Two locks per host, on purpose. init_lock serializes the one-time robots.txt fetch (double-checked initialized flag avoids re-locking on the hot path). slot_lock is held only long enough to bump next_slot — workers sleep outside the lock so the next request can already reserve its slot.
next_slot reservation pattern beats “lock + sleep”. N workers arriving simultaneously at a host with crawl_delay=1s get assigned slots t, t+1, t+2, … atomically; each then sleeps until its own slot. No thundering herd, no lock held during sleep.
Order of gates per attempt: robots check → host slot → global bucket → fetch. Robots check is free and rejects early. Host slot reserves a future time without blocking.

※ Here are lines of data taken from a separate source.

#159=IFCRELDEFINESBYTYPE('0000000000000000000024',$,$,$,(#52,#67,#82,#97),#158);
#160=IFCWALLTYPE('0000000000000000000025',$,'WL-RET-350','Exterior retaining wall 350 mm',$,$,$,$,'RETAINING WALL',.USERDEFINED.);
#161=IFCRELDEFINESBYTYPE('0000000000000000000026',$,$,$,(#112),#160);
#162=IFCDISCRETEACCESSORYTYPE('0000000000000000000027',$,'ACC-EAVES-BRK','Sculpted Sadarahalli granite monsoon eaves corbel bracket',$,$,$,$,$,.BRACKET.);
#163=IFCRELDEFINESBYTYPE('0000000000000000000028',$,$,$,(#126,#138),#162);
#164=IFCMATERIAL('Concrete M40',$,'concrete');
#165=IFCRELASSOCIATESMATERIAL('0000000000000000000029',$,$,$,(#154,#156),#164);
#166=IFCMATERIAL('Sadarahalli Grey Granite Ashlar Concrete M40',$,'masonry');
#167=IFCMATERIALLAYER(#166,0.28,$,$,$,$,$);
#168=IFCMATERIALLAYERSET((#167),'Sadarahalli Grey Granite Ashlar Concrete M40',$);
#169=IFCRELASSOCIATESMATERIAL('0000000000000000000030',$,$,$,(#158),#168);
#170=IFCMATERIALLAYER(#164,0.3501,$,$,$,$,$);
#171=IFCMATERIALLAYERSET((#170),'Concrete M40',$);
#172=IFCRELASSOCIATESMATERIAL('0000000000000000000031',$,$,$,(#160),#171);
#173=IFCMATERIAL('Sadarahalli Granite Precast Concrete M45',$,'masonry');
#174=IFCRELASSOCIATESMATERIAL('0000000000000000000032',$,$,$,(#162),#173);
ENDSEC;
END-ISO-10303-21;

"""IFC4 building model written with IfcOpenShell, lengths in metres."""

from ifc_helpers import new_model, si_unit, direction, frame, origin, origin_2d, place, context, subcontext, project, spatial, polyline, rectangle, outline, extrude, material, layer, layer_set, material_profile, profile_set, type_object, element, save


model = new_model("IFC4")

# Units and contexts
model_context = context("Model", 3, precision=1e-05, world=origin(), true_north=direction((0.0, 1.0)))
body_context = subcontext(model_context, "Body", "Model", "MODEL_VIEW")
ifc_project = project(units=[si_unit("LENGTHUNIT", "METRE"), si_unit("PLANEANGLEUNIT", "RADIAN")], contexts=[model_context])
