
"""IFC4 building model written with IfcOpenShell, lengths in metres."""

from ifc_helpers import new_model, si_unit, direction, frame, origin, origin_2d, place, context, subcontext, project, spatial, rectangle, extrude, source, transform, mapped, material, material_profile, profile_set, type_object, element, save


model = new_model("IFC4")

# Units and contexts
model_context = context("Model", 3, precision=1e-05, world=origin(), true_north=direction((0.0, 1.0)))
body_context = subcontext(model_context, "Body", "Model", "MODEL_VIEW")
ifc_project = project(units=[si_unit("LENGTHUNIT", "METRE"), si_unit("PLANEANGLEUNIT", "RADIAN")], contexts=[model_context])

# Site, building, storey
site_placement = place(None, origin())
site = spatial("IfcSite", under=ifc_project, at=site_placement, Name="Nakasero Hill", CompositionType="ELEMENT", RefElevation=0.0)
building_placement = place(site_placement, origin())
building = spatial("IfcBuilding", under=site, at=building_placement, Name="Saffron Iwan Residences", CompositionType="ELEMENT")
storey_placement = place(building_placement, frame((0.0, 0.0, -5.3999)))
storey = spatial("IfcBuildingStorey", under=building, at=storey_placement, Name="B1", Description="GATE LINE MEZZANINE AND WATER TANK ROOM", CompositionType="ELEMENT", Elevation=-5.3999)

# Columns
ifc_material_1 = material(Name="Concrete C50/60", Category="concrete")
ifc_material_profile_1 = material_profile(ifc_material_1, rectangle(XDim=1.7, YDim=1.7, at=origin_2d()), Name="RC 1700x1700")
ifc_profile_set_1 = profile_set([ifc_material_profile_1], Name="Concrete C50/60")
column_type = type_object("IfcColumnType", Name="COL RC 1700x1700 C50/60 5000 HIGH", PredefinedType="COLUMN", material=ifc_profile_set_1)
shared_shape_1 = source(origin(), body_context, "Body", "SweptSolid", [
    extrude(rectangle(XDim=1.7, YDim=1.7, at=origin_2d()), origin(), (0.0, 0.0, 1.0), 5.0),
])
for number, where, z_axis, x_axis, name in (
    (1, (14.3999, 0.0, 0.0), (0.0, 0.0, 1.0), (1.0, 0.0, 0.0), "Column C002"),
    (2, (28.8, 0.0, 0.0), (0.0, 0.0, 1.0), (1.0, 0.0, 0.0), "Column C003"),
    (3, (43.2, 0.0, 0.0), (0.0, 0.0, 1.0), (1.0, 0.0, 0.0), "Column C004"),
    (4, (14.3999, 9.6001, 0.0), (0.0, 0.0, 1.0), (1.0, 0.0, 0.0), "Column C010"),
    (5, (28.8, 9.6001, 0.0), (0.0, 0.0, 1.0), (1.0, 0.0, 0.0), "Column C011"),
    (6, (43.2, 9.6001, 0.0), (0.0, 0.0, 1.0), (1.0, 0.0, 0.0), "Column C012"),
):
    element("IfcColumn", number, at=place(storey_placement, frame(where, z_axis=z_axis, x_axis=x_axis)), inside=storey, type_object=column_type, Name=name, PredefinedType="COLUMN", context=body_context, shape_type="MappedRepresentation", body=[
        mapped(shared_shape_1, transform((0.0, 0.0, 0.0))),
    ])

Global bucket is acquired last so we don’t burn a token on a request that’s about to sleep 10s on per-host delay.
Robots fetch goes through the global bucket but skips per-host delay. It’s a one-shot per host; making it wait on its own crawl-delay would be circular.
Failure policy on robots.txt: allow-all. Real-world: 4xx → allow, 5xx → disallow. We don’t have status codes via fetch_fn, so the simple policy is allow-all on exception. Worth flagging in the interview.

Still punted:

URL canonicalization (host case, default ports, trailing slash, fragment).
Transient vs permanent error distinction (we retry everything).
Robots.txt staleness — cached for the lifetime of the crawler.
Sitemap discovery from robots.txt.
Memory bound on seen and _hosts for very large crawls.
Cancellation of in-flight fetches when done fires.

The likely interview probe on the politeness layer: what happens if one host has crawl_delay=60s and the queue is dominated by URLs from that host? Answer: workers serialize on next_slot and most of them sleep idle while other-host work starves the queue. Real fix is per-host queues with workers picking the host with the earliest available slot — explicitly out of scope for 1hr but good to name.